Driverless cars are here: first self-driving car goes on sale
The Induct Technology Navia, the world’s first commercially available driverless car, reveled at CES.
The world’s first commercially available driverless car has just gone on sale – and it does not come from a prestige German or Japanese manufacturer, but from a small technology company with headquarters just outside Paris.
Revealed at the 2014 Consumer Electronics Show, the self-driving Navia from Induct Technology has been developed with help from Oxis Energy, a British company which has been pioneering lithium sulphur polymer battery technology, and tested by the Culham Science Centre, a high-security industrial park near Oxford run by the UK Atomic Energy Authority. There are also partners in Switzerland and Singapore.
• Self-driving Mercedes S-Class within five years
The Navia is an all-electric shuttle which draws power from induction loops underneath the car and embedded in the road surface.

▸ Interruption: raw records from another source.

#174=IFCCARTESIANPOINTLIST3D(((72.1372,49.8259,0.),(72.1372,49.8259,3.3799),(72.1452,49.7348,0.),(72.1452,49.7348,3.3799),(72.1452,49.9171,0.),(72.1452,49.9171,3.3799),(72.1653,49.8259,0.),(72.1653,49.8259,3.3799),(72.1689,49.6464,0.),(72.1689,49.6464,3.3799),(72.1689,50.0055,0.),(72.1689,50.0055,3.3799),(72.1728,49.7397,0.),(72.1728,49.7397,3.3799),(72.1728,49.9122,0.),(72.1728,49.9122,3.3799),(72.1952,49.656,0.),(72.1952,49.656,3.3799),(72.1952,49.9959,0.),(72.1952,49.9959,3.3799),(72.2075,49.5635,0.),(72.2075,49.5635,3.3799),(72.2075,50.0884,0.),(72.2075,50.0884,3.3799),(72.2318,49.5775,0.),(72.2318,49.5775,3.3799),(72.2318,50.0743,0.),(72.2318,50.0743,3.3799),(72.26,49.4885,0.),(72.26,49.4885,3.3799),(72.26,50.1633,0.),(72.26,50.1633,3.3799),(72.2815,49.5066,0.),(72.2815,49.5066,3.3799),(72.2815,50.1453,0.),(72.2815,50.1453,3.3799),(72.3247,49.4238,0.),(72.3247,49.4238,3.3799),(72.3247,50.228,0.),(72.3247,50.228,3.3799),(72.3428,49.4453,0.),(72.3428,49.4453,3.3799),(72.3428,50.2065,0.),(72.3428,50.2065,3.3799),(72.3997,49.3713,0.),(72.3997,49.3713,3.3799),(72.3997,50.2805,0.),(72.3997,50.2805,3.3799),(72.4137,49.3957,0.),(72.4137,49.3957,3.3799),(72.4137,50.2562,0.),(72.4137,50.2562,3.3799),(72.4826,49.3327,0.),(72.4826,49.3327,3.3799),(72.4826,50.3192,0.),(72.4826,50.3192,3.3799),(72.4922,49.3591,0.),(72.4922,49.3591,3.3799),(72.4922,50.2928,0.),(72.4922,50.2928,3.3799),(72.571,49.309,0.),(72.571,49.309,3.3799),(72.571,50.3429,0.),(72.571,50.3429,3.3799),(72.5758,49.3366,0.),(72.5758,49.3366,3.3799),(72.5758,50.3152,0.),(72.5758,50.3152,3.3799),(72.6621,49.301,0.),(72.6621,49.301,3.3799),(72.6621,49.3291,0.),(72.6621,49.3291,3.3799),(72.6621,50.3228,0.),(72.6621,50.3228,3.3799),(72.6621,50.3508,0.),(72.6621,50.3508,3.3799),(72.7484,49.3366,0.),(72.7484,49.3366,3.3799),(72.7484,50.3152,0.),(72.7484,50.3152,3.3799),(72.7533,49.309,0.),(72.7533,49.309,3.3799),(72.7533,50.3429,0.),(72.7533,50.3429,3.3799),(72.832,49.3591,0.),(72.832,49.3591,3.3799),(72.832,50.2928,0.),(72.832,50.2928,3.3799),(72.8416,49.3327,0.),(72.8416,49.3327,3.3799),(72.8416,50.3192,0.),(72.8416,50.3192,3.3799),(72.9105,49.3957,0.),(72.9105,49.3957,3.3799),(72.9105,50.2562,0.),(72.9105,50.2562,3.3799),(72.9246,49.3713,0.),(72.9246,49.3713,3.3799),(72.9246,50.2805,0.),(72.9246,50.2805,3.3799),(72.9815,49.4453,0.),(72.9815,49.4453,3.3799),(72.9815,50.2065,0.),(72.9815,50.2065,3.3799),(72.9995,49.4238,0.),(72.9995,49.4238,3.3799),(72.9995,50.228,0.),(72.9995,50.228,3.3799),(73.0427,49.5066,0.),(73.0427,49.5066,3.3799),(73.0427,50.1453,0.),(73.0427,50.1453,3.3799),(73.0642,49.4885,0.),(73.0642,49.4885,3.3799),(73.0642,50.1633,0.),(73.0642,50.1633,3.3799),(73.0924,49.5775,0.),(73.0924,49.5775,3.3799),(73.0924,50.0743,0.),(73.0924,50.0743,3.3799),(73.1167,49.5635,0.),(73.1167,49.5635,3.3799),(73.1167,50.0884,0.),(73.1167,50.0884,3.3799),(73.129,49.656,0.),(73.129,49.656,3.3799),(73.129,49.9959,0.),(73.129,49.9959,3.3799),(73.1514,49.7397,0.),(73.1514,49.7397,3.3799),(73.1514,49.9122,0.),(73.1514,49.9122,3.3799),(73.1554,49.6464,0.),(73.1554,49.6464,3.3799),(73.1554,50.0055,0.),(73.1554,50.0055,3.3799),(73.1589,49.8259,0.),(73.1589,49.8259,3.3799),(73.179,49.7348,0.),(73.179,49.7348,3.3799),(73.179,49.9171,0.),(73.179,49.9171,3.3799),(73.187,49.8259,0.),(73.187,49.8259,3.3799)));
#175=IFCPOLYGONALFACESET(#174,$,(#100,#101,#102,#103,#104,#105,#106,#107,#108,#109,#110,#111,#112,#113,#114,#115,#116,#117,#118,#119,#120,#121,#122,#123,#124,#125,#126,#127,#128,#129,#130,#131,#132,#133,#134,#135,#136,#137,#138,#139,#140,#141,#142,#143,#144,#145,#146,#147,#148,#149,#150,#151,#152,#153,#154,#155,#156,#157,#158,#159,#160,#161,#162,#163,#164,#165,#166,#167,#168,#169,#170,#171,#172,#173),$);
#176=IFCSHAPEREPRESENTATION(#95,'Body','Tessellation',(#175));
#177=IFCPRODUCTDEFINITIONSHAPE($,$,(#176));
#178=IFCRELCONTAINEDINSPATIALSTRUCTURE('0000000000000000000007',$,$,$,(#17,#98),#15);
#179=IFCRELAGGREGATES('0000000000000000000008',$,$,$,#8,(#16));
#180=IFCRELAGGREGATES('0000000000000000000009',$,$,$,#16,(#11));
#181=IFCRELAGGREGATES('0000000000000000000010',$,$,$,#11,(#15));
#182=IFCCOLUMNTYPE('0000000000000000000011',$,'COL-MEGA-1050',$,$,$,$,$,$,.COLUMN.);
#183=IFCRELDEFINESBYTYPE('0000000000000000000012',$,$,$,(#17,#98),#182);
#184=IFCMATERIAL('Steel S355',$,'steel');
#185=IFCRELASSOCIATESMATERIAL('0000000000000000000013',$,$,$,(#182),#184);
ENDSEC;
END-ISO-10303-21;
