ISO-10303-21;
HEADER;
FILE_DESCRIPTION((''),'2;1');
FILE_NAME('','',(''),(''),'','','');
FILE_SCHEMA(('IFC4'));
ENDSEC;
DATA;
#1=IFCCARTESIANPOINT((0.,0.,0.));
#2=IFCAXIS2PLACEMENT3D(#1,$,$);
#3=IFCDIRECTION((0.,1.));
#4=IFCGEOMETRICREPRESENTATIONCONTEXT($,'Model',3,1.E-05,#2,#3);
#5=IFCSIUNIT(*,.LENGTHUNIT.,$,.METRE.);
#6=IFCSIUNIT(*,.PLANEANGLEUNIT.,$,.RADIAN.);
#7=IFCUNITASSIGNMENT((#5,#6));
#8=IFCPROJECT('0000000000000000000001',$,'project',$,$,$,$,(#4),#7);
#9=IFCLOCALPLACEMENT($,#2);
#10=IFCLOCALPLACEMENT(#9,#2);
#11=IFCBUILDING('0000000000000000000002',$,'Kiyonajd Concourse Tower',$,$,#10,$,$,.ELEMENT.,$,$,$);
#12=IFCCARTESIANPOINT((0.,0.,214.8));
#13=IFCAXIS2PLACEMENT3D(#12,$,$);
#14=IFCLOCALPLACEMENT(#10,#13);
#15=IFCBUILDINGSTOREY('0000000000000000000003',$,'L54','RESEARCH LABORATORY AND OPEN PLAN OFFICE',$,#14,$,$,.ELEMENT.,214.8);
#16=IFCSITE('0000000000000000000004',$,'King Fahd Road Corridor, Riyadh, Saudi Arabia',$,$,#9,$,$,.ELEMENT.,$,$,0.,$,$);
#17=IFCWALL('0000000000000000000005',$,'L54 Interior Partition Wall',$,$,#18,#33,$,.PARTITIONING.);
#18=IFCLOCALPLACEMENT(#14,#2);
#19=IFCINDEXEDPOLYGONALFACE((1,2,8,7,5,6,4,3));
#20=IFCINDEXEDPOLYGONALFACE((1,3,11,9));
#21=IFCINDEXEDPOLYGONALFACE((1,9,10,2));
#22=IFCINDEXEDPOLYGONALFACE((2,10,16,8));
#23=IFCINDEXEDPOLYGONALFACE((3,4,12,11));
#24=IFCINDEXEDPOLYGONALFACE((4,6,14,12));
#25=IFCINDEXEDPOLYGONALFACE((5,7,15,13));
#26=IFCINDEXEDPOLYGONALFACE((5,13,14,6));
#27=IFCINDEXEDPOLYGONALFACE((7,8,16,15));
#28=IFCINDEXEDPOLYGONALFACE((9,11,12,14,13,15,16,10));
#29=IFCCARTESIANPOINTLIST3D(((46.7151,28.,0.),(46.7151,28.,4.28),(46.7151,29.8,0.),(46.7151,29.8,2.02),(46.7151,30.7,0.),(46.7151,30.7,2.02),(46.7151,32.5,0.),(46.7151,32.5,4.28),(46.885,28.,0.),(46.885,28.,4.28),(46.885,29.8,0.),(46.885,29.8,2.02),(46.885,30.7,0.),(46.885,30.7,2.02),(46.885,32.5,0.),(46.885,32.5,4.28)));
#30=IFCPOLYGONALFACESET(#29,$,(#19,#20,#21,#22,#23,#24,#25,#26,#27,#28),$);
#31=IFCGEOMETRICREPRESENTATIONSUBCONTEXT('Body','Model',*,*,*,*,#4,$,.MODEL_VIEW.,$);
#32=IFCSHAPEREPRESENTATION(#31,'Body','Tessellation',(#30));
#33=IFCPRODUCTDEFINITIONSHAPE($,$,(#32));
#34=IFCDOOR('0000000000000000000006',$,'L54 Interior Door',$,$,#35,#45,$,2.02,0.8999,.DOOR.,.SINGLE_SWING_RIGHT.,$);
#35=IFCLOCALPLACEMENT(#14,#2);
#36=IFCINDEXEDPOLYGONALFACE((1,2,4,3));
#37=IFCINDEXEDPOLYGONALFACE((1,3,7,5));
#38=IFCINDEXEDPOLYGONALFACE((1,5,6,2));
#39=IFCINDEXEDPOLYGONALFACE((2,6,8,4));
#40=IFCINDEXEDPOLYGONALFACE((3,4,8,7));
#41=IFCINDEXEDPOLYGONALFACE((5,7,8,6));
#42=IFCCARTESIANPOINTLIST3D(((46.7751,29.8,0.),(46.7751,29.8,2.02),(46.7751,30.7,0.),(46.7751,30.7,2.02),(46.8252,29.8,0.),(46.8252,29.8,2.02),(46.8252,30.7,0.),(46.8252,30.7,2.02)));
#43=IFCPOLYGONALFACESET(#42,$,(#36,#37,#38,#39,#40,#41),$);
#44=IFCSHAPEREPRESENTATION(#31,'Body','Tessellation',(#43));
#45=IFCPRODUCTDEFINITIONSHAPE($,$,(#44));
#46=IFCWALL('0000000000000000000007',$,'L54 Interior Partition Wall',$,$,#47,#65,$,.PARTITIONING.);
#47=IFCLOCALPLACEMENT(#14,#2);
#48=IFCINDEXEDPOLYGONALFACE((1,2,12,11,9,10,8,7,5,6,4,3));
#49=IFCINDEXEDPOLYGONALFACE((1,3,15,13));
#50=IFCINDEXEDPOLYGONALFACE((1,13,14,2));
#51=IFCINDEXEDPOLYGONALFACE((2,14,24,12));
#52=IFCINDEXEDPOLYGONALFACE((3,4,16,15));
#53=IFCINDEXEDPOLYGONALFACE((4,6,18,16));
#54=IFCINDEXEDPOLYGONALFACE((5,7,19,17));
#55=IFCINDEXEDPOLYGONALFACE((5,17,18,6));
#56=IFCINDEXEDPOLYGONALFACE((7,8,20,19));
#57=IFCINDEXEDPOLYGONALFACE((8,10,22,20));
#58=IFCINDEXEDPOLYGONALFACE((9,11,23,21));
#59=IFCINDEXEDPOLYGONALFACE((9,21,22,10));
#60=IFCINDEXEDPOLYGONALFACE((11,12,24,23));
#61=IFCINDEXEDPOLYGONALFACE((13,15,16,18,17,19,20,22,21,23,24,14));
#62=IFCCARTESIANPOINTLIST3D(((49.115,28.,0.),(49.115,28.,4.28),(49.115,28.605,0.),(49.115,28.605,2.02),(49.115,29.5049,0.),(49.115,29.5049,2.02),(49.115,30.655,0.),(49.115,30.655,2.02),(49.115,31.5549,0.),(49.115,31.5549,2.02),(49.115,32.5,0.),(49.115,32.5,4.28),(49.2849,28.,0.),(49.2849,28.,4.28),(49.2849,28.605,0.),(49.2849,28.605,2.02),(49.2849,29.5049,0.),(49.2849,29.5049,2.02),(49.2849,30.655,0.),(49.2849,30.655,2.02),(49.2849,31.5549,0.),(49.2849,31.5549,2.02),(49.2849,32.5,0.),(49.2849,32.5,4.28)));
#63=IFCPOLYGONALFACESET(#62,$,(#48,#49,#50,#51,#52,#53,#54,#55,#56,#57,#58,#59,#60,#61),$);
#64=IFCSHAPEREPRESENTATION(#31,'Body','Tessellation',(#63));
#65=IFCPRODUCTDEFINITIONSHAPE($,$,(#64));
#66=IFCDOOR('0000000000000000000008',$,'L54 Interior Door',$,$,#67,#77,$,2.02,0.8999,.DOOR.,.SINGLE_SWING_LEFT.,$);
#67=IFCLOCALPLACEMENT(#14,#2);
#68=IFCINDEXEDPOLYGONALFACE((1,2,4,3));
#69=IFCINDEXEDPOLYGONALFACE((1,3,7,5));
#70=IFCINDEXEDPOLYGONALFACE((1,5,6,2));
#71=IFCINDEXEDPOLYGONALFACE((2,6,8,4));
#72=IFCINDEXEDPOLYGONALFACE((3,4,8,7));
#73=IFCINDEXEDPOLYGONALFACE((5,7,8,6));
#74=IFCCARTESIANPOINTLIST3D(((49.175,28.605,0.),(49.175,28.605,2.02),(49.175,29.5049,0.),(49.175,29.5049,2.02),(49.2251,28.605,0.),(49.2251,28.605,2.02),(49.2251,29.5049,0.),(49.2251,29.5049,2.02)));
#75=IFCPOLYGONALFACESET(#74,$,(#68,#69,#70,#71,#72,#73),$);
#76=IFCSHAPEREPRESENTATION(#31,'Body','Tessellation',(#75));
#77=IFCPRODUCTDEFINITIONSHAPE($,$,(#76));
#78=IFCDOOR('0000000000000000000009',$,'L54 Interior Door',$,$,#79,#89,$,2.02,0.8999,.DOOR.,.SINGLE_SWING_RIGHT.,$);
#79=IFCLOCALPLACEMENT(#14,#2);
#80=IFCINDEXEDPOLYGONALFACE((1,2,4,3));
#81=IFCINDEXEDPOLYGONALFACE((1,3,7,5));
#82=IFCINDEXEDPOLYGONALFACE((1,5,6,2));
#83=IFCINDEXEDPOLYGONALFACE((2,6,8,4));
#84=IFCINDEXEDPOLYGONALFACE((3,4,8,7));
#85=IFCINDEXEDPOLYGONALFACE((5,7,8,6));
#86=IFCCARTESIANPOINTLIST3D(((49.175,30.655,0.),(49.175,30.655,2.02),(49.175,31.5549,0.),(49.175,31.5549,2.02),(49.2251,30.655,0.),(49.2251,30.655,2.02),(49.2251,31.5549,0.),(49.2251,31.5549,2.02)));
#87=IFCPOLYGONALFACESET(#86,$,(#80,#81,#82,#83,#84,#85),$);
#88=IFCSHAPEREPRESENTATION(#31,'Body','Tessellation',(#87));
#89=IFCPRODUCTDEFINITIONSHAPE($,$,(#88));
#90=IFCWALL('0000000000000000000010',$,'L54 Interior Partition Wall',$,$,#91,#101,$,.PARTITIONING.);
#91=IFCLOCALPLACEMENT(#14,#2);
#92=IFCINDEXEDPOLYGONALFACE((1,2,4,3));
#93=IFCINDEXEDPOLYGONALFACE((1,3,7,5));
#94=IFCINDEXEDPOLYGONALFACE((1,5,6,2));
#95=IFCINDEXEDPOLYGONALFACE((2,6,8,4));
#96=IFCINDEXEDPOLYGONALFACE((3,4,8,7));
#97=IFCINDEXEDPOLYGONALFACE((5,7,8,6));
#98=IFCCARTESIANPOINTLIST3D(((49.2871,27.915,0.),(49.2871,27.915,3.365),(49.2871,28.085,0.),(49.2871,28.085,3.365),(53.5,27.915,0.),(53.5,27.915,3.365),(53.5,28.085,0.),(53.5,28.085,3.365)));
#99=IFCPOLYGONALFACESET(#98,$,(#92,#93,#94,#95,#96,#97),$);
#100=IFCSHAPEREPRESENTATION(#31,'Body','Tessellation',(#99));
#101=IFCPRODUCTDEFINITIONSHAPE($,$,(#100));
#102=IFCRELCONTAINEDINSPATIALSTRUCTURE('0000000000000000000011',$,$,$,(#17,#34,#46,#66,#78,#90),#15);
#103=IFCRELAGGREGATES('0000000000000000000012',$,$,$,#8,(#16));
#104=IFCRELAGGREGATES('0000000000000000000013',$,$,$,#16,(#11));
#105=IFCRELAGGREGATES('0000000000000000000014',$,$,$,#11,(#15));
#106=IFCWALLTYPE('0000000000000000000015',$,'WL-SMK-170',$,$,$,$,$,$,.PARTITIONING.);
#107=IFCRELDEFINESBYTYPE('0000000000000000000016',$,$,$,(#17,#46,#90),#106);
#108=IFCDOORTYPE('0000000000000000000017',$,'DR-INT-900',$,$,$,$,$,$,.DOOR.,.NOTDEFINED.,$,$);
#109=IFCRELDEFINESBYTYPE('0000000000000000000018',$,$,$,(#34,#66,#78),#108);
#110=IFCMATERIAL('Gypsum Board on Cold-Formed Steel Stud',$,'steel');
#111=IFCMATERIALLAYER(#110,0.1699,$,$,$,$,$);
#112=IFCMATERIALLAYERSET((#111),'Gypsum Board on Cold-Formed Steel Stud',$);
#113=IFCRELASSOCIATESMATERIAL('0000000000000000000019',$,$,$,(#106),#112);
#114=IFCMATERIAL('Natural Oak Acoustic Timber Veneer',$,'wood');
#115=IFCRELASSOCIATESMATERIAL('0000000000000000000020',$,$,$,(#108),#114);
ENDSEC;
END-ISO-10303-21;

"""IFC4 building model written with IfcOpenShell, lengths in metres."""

from ifc_helpers import new_model, si_unit, direction, frame, frame_2d, origin, place, context, subcontext, project, spatial, rectangle, extrude, material, layer, layer_set, type_object, element, fill, save


model = new_model("IFC4")

# Units and contexts
model_context = context("Model", 3, precision=1e-05, world=origin(), true_north=direction((0.0, 1.0)))
body_context = subcontext(model_context, "Body", "Model", "MODEL_VIEW")
ifc_project = project(units=[si_unit("LENGTHUNIT", "METRE"), si_unit("PLANEANGLEUNIT", "RADIAN")], contexts=[model_context])

# Site, building, storey
site_placement = place(None, origin())
site = spatial("IfcSite", under=ifc_project, at=site_placement, Name="King Fahd Road Corridor, Riyadh, Saudi Arabia", CompositionType="ELEMENT", RefElevation=0.0)
building_placement = place(site_placement, origin())
building = spatial("IfcBuilding", under=site, at=building_placement, Name="Kiyonajd Concourse Tower", CompositionType="ELEMENT")
storey_placement = place(building_placement, frame((0.0, 0.0, 214.8)))
storey = spatial("IfcBuildingStorey", under=building, at=storey_placement, Name="L54", Description="RESEARCH LABORATORY AND OPEN PLAN OFFICE", CompositionType="ELEMENT", Elevation=214.8)

# Shared definitions
ifc_material_1 = material(Name="Gypsum Board on Cold-Formed Steel Stud", Category="steel")

# Shared definitions
ifc_layer_1 = layer(ifc_material_1, 0.1699)
ifc_layer_set_1 = layer_set([ifc_layer_1], Name="Gypsum Board on Cold-Formed Steel Stud")
wall_type_1 = type_object("IfcWallType", Name="WL-SMK-170", PredefinedType="PARTITIONING", material=ifc_layer_set_1)
ifc_material_2 = material(Name="Natural Oak Acoustic Timber Veneer", Category="wood")
door_type = type_object("IfcDoorType", Name="DR-INT-900", OperationType="NOTDEFINED", PredefinedType="DOOR", material=ifc_material_2)

# Wall, opening, door
wall_1_placement = place(storey_placement, frame((46.8, 28.0, 0.0), z_axis=(0.0, 0.0, 1.0), x_axis=(0.0, 1.0, 0.0)))
wall_1 = element("IfcWall", 1, at=wall_1_placement, inside=storey, type_object=wall_type_1, Name="L54 Interior Partition Wall", PredefinedType="PARTITIONING", context=body_context, shape_type="SweptSolid", body=[
    extrude(rectangle(XDim=4.5, YDim=0.1699, at=frame_2d((2.25, 0.0))), origin(), (0.0, 0.0, 1.0), 4.28),
])
opening_1_placement = place(wall_1_placement, frame((1.8, 0.0, 0.0)))
opening_1 = element("IfcOpeningElement", 2, at=opening_1_placement, cuts=wall_1, PredefinedType="OPENING", context=body_context, shape_type="SweptSolid", body=[
    extrude(rectangle(XDim=0.8999, YDim=2.02, at=frame_2d((0.45, 1.01))), frame((0.0, 0.095, 0.0), z_axis=(0.0, -1.0, 0.0), x_axis=(1.0, 0.0, 0.0)), (0.0, 0.0, 1.0), 0.1899),
])
door_1_placement = place(opening_1_placement, origin())
door_1 = element("IfcDoor", 3, at=door_1_placement, inside=storey, type_object=door_type, Name="L54 Interior Door", OperationType="SINGLE_SWING_RIGHT", OverallHeight=2.02, OverallWidth=0.8999, PredefinedType="DOOR", context=body_context, shape_type="SweptSolid", body=[
    extrude(rectangle(XDim=0.8999, YDim=2.02, at=frame_2d((0.45, 1.01))), frame((0.0, 0.0249, 0.0), z_axis=(0.0, -1.0, 0.0), x_axis=(1.0, 0.0, 0.0)), (0.0, 0.0, 1.0), 0.05),
])
fill(opening_1, door_1)

# Wall, openings, doors
wall_2_placement = place(storey_placement, frame((49.2, 28.0, 0.0), z_axis=(0.0, 0.0, 1.0), x_axis=(0.0, 1.0, 0.0)))
wall_2 = element("IfcWall", 4, at=wall_2_placement, inside=storey, type_object=wall_type_1, Name="L54 Interior Partition Wall", PredefinedType="PARTITIONING", context=body_context, shape_type="SweptSolid", body=[
    extrude(rectangle(XDim=4.5, YDim=0.1699, at=frame_2d((2.25, 0.0))), origin(), (0.0, 0.0, 1.0), 4.28),
])
opening_2_placement = place(wall_2_placement, frame((0.605, 0.0, 0.0)))
opening_2 = element("IfcOpeningElement", 5, at=opening_2_placement, cuts=wall_2, PredefinedType="OPENING", context=body_context, shape_type="SweptSolid", body=[
    extrude(rectangle(XDim=0.8999, YDim=2.02, at=frame_2d((0.45, 1.01))), frame((0.0, 0.095, 0.0), z_axis=(0.0, -1.0, 0.0), x_axis=(1.0, 0.0, 0.0)), (0.0, 0.0, 1.0), 0.1899),
])
opening_3_placement = place(wall_2_placement, frame((2.655, 0.0, 0.0)))
opening_3 = element("IfcOpeningElement", 6, at=opening_3_placement, cuts=wall_2, PredefinedType="OPENING", context=body_context, shape_type="SweptSolid", body=[
    extrude(rectangle(XDim=0.8999, YDim=2.02, at=frame_2d((0.45, 1.01))), frame((0.0, 0.095, 0.0), z_axis=(0.0, -1.0, 0.0), x_axis=(1.0, 0.0, 0.0)), (0.0, 0.0, 1.0), 0.1899),
])
door_2_placement = place(opening_2_placement, origin())
door_2 = element("IfcDoor", 7, at=door_2_placement, inside=storey, type_object=door_type, Name="L54 Interior Door", OperationType="SINGLE_SWING_LEFT", OverallHeight=2.02, OverallWidth=0.8999, PredefinedType="DOOR", context=body_context, shape_type="SweptSolid", body=[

There is a battery version with a top speed of 12.5mph which takes six hours to fully recharge. Another version has been developed with a super-capacitor in place of batteries. This can get enough power for a mile of driving from a 15-second stop, although its movements are more restricted because it then has to follow set routes.
Navia driverless car can't be used on public roads
Navigation is via laser-based units at each corner which give a 200-yard sweep of the immediate area, accurate to one centimetre. If there is an obstacle the shuttle stops and decides the safest way to proceed.
‘It’s like a lift,’ says Induct’s head of business development, Adrian Sussman. ‘If it gets stuck it stops and you summon help.’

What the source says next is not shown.